Right now, I am using a JS queryDef select to get all records then iterate over them one by one to update the corresponding fields for that target. This then updates the temporary schema in the workflow.

This is an issue for two reasons:

  1. Over 10,000 records needs to page the queryDef as the maximum individual select can only be 10k
  2. At some point over 10k records you run out of JS memory (even after increasing the JS memory)

Adobe Support says its a bad practice, but haven't suggested an alternative as this is probably Consulting

Is there a better way to do advanced enrichment during a workflow with >10k records?

This post is no longer active and is closed to new replies. Need help? Start a new post to ask your question.
Best answer by Darren_Bowers

I found this which is exactly what I want to do (but with queryDef paging): https://technowide.net/2017/05/19/iterating-custom-functions-record/ 

But I can't see where the TempResponse temporary schema is created in the example. Is this created as a normal Schema beforehand? I think I am missing something here...

5 replies

Milan_Vucetic
Level 9
March 9, 2020

Hi @darren_bowers ,

 

if you already have JS and issue with JS memory/JS records limit, you can select records in batch.

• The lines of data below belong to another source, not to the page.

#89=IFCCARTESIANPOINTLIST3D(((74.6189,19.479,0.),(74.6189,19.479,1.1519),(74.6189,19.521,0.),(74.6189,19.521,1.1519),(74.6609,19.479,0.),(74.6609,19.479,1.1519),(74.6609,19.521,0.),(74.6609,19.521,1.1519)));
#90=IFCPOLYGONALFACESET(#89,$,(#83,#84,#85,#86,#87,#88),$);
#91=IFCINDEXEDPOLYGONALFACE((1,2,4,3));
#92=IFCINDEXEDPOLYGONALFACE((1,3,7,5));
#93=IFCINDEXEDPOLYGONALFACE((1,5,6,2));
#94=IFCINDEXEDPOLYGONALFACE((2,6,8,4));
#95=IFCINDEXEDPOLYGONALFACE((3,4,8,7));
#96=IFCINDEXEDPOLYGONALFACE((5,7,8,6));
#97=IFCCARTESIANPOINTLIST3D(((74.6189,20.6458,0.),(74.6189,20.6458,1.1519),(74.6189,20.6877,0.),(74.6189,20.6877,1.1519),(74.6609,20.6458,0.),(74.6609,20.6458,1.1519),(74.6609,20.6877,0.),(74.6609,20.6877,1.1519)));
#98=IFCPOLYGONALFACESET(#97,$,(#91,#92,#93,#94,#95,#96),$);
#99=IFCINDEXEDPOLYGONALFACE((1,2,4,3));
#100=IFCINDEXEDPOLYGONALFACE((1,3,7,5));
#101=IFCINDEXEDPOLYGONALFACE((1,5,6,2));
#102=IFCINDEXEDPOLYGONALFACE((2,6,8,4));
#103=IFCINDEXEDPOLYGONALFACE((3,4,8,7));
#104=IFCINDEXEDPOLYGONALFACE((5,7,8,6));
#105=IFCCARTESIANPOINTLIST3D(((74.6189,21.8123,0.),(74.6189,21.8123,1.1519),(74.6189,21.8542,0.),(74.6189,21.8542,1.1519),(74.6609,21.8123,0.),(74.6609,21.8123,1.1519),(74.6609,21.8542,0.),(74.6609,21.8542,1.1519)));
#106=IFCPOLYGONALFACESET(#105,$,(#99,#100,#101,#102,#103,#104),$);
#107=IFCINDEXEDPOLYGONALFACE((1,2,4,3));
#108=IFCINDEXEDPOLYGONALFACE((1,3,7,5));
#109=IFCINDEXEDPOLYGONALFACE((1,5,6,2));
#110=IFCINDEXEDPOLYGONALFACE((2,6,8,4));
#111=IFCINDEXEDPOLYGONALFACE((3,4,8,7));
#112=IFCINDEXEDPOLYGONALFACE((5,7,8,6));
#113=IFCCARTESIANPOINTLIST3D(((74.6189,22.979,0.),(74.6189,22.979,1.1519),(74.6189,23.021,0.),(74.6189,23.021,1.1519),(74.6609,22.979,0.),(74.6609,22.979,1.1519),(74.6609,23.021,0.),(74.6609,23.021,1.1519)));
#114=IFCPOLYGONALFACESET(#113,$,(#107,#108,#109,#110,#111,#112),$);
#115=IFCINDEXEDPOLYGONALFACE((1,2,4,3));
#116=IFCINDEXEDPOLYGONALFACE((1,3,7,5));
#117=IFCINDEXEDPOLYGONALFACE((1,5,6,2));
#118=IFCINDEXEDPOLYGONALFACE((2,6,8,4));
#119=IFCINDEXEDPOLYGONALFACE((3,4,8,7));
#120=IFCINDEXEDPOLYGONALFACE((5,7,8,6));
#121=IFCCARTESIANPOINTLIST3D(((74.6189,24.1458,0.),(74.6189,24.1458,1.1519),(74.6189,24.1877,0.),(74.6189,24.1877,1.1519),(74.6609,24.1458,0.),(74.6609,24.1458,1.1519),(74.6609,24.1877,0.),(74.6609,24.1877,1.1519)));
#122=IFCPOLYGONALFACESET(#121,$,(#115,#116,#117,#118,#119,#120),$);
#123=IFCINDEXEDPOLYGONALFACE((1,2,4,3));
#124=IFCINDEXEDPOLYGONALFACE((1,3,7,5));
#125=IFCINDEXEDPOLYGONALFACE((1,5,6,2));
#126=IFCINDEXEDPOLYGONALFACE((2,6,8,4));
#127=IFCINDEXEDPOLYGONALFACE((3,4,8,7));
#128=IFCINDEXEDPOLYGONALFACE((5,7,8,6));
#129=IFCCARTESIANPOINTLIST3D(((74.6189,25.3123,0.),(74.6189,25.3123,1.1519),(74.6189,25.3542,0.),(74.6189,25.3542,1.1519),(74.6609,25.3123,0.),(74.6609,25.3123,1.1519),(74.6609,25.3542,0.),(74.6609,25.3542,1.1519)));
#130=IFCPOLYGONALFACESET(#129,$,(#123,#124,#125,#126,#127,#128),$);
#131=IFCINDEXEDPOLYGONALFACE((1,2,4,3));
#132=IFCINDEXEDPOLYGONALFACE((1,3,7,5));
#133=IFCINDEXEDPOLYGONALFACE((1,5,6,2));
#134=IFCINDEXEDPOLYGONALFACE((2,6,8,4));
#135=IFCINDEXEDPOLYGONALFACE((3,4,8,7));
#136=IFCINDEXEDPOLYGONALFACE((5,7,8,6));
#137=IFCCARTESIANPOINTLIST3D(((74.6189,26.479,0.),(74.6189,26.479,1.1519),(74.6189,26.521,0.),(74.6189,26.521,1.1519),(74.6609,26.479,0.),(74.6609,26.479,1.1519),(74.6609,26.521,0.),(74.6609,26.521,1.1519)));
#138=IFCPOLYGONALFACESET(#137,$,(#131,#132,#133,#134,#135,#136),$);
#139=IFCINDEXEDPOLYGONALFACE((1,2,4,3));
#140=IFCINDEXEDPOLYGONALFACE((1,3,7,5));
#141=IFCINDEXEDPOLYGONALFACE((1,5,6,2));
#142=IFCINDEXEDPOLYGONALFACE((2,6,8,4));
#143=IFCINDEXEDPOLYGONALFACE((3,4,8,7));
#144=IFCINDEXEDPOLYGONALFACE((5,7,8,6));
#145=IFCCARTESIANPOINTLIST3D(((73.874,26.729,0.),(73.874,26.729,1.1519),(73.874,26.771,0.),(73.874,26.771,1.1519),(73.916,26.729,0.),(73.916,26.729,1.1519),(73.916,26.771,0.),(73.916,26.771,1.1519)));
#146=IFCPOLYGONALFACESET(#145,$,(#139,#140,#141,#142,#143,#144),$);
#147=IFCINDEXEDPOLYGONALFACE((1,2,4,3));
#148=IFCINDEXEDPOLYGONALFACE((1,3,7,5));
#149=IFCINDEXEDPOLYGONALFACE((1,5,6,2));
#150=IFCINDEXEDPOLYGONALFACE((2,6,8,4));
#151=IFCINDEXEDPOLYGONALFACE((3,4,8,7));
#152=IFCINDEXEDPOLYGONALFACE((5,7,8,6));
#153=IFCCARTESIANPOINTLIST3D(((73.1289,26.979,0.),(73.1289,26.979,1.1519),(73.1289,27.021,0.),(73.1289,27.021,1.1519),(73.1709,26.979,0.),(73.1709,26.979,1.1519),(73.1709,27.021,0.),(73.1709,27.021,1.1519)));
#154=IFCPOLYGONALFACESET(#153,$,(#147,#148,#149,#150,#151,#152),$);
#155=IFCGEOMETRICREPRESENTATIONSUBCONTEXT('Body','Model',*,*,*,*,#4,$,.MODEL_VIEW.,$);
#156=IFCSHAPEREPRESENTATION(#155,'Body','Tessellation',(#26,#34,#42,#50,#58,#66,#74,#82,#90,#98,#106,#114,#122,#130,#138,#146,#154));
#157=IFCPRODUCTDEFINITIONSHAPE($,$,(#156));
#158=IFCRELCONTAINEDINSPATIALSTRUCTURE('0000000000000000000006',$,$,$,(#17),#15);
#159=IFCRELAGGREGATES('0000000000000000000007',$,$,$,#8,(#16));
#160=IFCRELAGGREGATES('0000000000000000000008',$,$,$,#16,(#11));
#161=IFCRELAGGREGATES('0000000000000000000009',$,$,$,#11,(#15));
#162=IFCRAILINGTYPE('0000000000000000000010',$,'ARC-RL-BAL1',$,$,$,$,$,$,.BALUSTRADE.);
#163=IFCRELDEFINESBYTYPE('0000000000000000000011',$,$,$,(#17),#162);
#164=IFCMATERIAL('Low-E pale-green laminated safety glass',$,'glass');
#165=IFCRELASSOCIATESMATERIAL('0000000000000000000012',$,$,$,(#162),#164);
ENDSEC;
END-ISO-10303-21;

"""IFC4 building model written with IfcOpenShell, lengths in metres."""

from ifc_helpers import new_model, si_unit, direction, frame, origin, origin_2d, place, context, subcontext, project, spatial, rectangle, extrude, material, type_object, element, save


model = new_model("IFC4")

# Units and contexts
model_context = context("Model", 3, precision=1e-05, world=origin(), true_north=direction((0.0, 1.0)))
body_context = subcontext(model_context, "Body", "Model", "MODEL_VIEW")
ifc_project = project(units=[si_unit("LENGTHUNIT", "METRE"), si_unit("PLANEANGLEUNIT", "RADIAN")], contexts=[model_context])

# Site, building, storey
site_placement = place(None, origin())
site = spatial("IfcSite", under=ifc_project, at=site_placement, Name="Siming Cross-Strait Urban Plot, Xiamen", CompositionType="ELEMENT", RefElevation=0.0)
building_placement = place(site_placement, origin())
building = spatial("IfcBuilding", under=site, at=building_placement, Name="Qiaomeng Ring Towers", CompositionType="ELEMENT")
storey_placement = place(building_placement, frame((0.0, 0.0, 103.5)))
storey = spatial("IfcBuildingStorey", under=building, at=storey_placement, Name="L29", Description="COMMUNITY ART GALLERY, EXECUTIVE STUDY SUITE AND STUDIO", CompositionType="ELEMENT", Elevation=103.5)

Set batch to 5K or more (but lower than 10K) and you will process as many records as you want without errors.

 

var currentStartLine= 0;
var recordsToFetchPerBatch = 5000;
var loop = true;

while(loop){
var query = xtk.queryDef.create(
<queryDef schema="xtk:some_schema" operation="select" lineCount={recordsToFetchPerBatch} startLine={currentStartLine} >
<select>
<node expr="@node"/>
..
</select>
</queryDef
);
result = query.executeQuery();
if(Object.keys(result).length>0){
//do stuff
//
currentStartLine = currentStartLine + recordsToFetchPerBatch;

}else
loop = false;

}

 

Regards,

Milan

Darren_Bowers
Level 9
March 9, 2020
Thanks Milan - I was doing this previously but still found that after a few batch loads it ran out of memory. I think its because some of the objects dont release their JS memory properly. Its hard to diagnose because of the lack of tools available to profile the memory.
Darren_Bowers
Level 9
March 11, 2020

Hi @milan_vucetic - attaching some example code here as I cant do it in the comment thread. 

If you comment out the line that does the write back (datalayer.writeRecord(record);) , then the query will load all records properly and in the correct batches. If you write back to the temporary schema, then the select will miss a bunch of records.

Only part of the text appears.